Dash, the Digital Money of the Future

The next point of focus is one that comes with no absence of passionate dialogue surrounding it. This is a coin that has seen up’s and downs. A coin that has been in controversial head to head’s and above all else, a coin that has been a trailblazer for anonymity and utility in the cryptocurrency world. It’s laid the groundwork for many other styles of coin and is commonly seen brought into discussions of “vs. Monero” as until Zcash, it was only one of two options for a truly hidden and secure coin. By now if you’re familiar with the crypto world, you’ve probably guessed the guy we’re talking about: Dash

In this article we’re going to steer away from the overly populated internet dialogue of “Which is better? Dash or Monero?” and focus on illustrating what we consider the strengths and weaknesses of Dash, and we’ll let you decide on your own.

So how does Dash work you say?

Glad you asked. Dash operates on a system called PrivateSend. Basically Dash gives its users the ability to “mix” their coins. Once a user has begun the mixing process the client searches for other Dash users and according to the number of cycles chosen the full length of the process can range from thirty minutes to upwards of several hours.

Each cycle, or round chosen connects the user to a group with a minimum of two other users. Every cycle theoretically introduces at least two new users each time and cycles the coins amongst everyone. It speaks to logic that an increased amount of PrivateSend cycles will provide a higher level of security. If you read the article on Monero you can immediately see differences in this method versus their Ring Signature way of creating anonymous transactions.

Immediate concerns rise in individuals potentially logging the the data that passes through their servers, in turn discovering where each output finalizes itself. Masternodes have been created in an attempt to mitigate the risk, though not in the most reliable fashion. Masternodes are essentially servers that organize PrivateSend transactions and require deposits of 1000 Dash to operate. This collateral is supposed to prevent someone from creating an infinite amount of nodes and recording details surrounding Dash transactions.

As so, this tends to be the point of attack for Monero. The argument usually sounds like something of people pointing out how Monero is a much more anonymous system with no need to trust a mixing server. It’s as simple as transactions are created by a user’s client and then submitted to the network. It’s pointed out how the privacy afforded by Monero is ensured through cryptography. Ring signatures are decades old and have years and years of peer-review and real world application backing them, not to mention Monero has a team full of renowned cryptographers developing it. So this sounds pretty damning right? Well it might be if privacy was all there was to a coin.
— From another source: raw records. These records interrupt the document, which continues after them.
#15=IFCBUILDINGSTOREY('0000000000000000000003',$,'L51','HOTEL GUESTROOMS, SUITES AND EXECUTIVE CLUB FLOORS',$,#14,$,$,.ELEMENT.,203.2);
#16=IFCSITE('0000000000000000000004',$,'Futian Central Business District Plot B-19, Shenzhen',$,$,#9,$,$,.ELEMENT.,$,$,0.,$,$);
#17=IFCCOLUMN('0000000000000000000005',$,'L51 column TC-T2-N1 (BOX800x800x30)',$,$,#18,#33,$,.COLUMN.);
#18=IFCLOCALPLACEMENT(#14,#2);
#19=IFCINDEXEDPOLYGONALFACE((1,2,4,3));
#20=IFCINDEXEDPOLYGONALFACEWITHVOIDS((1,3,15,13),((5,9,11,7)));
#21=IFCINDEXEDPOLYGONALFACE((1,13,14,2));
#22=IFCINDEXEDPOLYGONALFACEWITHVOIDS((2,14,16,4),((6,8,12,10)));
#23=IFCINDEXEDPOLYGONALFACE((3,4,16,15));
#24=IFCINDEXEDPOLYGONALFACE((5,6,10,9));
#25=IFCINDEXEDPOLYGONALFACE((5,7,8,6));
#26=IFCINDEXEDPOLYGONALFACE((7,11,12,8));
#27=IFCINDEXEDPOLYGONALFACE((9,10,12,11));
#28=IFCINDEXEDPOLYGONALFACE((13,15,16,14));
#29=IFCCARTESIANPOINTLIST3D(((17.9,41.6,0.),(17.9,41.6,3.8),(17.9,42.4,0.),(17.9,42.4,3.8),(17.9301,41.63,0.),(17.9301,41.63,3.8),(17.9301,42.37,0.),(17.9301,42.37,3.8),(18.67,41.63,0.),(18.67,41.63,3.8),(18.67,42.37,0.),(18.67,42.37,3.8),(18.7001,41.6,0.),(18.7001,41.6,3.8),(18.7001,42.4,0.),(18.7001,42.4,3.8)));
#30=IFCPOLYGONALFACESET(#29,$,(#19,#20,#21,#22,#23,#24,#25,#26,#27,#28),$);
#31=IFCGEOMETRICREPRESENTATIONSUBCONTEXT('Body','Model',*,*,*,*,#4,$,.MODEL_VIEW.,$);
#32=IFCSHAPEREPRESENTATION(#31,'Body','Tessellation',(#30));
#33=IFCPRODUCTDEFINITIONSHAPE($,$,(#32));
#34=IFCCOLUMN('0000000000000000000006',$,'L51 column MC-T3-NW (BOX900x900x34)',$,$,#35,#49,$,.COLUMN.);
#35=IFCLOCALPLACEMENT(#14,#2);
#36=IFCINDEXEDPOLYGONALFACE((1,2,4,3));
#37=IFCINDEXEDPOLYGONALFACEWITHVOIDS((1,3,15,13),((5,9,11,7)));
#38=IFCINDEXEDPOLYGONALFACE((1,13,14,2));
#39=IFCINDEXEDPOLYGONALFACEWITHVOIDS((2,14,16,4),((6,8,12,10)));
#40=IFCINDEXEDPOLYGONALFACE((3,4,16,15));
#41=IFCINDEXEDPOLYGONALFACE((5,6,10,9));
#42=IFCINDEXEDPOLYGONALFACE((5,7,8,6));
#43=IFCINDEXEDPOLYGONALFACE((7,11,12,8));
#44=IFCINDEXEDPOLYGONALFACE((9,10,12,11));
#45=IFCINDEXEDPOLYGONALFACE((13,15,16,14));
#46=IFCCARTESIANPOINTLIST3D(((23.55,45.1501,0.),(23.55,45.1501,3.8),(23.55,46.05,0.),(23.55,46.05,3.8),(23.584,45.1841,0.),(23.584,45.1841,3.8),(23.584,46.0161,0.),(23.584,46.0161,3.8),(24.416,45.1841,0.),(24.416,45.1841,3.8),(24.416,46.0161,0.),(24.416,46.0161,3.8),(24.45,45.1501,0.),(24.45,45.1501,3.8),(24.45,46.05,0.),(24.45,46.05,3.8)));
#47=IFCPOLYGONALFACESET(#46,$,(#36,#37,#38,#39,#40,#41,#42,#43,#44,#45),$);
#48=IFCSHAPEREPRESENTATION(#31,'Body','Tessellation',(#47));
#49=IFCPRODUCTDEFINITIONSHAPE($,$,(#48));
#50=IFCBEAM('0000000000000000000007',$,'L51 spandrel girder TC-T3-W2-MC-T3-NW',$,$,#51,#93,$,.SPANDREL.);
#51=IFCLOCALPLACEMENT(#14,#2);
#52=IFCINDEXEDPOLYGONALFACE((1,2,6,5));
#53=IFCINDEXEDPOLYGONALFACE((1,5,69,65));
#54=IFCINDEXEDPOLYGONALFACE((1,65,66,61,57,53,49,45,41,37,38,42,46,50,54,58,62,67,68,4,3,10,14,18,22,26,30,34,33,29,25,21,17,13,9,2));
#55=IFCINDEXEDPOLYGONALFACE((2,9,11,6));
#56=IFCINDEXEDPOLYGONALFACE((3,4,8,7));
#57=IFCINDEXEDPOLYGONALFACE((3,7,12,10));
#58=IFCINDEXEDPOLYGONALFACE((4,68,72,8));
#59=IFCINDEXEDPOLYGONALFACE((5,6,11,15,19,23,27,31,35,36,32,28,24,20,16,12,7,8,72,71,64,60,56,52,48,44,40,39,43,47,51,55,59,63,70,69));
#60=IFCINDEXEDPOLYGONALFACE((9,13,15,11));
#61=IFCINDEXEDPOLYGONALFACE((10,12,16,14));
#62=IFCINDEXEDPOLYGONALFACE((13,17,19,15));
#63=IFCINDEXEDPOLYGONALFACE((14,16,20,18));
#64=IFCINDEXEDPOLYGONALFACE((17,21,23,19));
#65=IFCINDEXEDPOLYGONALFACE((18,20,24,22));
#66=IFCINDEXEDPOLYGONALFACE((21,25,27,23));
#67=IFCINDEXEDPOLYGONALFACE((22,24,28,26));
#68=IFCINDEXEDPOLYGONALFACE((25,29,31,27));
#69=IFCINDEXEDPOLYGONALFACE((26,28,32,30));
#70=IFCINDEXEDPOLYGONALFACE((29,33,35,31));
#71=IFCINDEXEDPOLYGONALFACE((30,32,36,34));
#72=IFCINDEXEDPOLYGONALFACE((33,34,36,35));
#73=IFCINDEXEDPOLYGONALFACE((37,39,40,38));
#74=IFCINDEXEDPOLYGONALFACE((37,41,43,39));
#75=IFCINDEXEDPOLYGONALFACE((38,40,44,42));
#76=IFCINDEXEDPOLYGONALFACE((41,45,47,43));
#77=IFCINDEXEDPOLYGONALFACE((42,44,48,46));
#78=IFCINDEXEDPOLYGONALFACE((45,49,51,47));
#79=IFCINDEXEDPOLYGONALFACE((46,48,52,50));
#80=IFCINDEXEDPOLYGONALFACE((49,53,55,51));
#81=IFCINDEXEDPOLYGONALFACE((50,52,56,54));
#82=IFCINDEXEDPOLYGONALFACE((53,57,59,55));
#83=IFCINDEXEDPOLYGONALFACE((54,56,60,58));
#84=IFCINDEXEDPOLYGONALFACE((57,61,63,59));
In what setting does Dash thrive and why do we, along with many others see longevity in it? Well the answer is plenty. Firstly, Dash is forked from existing Bitcoin systems. This means that any existing or even developed bitcoin infrastructure can be easily implemented into the Dash system. Furthermore, Dash has instantly confirmed double-spend proof transactions. Yeah, that’s a mouthful, which is why it’s generally just refer to as InstantSpend. Essentially it means that Dash can be instantly traded and accepted, which is a massive advantage over other coins that have layover or cycle periods. Bitcoin has reported an average of 10 minutes for a single conformation where Dash is instant! A real potential use case for this can be seen here.
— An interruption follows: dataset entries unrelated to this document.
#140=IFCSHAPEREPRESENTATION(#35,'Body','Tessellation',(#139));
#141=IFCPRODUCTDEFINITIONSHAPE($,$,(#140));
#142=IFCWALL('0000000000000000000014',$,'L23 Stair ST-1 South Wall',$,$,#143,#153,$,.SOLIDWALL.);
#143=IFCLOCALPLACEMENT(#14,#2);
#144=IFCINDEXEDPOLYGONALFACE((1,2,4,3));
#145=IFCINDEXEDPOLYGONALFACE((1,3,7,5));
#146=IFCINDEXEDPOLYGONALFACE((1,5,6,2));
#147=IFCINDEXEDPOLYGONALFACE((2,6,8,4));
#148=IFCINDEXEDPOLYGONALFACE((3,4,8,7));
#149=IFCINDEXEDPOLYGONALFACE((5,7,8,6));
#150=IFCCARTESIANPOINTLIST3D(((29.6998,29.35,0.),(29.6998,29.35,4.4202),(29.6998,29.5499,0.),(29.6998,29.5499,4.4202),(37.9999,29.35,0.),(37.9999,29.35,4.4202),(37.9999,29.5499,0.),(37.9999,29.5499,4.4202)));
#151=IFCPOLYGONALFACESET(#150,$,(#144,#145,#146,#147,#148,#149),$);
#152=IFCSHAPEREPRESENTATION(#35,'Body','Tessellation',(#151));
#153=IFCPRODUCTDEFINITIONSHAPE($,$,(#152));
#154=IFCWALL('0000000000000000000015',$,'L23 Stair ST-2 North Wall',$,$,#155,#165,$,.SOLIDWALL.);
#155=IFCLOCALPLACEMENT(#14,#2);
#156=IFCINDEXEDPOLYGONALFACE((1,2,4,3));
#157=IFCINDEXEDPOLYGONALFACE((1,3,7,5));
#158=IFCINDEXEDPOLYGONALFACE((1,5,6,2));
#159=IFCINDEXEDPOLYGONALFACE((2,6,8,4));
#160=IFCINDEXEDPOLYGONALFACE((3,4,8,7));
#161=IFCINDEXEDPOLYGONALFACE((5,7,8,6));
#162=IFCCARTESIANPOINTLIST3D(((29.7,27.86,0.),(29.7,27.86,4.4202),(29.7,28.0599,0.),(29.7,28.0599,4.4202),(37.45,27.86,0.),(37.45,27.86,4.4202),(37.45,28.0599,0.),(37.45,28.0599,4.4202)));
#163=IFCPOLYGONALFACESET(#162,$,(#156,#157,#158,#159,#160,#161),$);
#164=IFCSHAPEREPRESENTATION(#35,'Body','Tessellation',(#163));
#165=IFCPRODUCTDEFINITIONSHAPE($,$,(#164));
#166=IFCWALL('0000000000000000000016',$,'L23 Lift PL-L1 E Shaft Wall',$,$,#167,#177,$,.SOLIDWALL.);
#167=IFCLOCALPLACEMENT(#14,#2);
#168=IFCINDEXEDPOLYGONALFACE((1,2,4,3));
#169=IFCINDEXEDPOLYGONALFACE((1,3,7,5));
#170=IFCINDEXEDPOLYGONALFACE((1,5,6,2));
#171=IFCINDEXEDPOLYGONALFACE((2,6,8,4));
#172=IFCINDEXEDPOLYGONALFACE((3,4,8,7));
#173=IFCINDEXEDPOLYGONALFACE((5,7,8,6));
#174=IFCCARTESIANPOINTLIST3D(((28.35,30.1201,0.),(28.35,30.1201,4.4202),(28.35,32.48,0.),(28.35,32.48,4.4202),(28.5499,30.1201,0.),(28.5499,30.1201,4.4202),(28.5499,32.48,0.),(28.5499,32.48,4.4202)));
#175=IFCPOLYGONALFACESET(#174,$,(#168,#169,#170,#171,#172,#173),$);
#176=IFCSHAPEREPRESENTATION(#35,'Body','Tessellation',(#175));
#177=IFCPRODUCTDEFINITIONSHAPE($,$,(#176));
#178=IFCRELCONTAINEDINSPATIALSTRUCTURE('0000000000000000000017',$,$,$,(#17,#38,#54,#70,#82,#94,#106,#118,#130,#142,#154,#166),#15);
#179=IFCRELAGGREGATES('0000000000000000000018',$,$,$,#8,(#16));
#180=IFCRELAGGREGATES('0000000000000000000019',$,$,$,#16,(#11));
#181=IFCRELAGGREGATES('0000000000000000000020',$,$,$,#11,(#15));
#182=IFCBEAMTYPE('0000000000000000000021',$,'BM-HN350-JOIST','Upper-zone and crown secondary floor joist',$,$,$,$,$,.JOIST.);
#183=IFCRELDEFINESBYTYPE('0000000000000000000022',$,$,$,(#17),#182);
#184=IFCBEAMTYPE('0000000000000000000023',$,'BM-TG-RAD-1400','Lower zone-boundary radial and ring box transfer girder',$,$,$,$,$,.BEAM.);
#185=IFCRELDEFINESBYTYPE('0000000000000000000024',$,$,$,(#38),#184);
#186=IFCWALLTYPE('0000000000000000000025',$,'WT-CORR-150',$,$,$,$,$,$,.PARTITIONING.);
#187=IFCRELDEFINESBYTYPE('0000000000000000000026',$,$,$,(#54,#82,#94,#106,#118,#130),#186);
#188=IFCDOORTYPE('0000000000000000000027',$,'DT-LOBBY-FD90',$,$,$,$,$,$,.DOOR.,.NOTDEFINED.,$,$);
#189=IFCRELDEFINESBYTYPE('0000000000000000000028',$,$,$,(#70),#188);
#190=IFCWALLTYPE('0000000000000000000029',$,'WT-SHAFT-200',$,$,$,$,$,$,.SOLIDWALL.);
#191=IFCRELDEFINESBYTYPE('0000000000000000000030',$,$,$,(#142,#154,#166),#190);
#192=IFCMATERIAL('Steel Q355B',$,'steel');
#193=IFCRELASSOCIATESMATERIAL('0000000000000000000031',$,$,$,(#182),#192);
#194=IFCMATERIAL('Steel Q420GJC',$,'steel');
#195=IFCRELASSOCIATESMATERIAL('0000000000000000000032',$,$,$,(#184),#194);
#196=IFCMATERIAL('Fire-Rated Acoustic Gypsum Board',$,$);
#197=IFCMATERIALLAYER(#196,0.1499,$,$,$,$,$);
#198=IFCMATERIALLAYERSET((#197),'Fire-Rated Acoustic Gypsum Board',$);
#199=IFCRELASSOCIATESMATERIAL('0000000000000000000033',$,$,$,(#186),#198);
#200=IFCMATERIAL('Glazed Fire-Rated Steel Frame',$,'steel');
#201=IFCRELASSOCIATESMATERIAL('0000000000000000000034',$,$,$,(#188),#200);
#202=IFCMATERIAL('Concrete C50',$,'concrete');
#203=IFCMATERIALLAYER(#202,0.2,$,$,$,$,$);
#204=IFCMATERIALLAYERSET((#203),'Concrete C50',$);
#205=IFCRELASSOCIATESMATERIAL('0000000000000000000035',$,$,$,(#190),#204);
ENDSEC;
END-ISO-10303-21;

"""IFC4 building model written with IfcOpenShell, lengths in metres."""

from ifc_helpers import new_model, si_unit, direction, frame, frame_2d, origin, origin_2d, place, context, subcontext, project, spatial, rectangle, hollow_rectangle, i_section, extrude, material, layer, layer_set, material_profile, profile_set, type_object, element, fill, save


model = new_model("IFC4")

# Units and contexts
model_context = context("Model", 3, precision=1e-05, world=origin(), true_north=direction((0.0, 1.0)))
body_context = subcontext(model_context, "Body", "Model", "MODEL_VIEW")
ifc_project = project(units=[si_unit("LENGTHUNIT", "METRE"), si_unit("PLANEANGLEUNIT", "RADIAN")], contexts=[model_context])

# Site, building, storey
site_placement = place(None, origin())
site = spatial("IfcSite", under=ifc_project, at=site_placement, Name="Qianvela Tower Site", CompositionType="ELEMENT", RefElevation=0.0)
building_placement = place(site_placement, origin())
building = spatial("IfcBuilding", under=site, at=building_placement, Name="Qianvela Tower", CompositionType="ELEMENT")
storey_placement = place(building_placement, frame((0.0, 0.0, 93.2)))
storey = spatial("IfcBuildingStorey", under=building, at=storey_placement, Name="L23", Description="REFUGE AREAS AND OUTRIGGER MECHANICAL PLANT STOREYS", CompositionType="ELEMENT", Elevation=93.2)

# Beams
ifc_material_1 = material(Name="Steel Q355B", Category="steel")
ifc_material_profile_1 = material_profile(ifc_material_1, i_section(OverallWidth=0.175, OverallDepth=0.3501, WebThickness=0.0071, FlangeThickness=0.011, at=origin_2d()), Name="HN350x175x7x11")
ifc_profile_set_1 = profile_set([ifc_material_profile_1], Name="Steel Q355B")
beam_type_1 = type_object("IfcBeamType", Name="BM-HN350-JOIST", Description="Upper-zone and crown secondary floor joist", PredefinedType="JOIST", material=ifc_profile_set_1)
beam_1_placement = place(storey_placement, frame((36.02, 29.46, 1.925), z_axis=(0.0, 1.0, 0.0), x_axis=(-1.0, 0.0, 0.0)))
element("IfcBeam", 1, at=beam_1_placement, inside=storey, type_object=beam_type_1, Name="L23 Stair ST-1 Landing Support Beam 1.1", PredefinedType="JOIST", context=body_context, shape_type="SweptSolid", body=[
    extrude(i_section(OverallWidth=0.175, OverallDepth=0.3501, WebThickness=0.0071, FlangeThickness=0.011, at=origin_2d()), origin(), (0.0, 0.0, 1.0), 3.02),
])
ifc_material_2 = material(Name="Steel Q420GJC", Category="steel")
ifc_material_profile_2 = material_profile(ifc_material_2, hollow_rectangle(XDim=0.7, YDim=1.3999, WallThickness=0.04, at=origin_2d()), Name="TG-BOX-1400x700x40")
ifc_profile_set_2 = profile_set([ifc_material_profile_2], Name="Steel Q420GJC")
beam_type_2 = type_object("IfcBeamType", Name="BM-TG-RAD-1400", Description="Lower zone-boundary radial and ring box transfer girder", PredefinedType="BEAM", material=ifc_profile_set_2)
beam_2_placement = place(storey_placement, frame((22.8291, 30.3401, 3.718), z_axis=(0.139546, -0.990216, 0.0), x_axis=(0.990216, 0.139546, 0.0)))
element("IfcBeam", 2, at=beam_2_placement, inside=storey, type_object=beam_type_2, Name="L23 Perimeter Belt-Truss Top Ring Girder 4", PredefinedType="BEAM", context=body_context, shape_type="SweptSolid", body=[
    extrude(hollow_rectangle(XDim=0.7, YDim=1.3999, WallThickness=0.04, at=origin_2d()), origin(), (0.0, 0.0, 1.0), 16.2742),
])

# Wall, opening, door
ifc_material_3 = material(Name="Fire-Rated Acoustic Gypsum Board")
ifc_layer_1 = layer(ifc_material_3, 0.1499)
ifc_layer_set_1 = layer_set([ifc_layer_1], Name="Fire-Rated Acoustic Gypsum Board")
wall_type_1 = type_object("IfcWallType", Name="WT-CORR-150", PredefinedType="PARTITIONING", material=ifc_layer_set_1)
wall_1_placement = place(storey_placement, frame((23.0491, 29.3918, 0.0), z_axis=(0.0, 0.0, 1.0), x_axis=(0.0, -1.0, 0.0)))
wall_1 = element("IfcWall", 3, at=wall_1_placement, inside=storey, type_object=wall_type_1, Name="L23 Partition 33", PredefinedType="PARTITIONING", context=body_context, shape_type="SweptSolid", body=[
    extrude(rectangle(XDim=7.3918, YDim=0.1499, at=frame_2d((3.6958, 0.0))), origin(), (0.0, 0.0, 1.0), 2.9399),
Dash has also done a good job of motivating their user base and growing along side them while strengthening their overall product. A good example of that can be seen in how they incentivize their full nodes which are key for the instant transfer and coinjoin process, DarkSend. Essentially you deposit $9500 (at moment of writing) of Dash into a node that then gives you 45% of all the block reward, or return that comes through it. This is two fold in advantages as it strengthens the network while allowing users to profit from it. Beyond that “Lead developer and creator of the masternode scheme Evan Duffield sees value in the collateral requirement for two reasons: first, to attempt to stabilize the Dash price by disincentivizing short sells; and second, to make a “51% attack” cost-prohibitive for a malicious actor,” which in turn saw them grow 40% in just 4 short months over last summer.

Continuing in line with their focus on incentivizing and working with their community, Dash lays the words across their website, “Dash has a well-defined set of mechanisms for anyone to submit proposals to the network to improve Dash, obtain approval, and fund those proposals directly from the network’s revenue.” They’ve designed a system that allows for the community to suggest ways for improvement while providing them the opportunity to receive funding and publicity through Dash. This also has benefit in that it removes a lot of pressure from the developers in terms of trying to figure out what the community wants, but instead allows them to debate amongst themselves and assist in developing the most desired protocols and amendments.

To buy or not to buy?

All in all, Dash is a coin that won’t be going anywhere anytime soon. It has strengths in the fact that it provides a long-term solution to crypto quantum issues, has a passionate user base that is easily incentivized and motivated, and has gone beyond targeting privacy in focusing and optimizing usability for future integration. We have faith that it’s a coin you should research further and consider trading because at this moment there’s no telling who’s going to be the next big player in the crypto world and it’s looking like Dash does it all.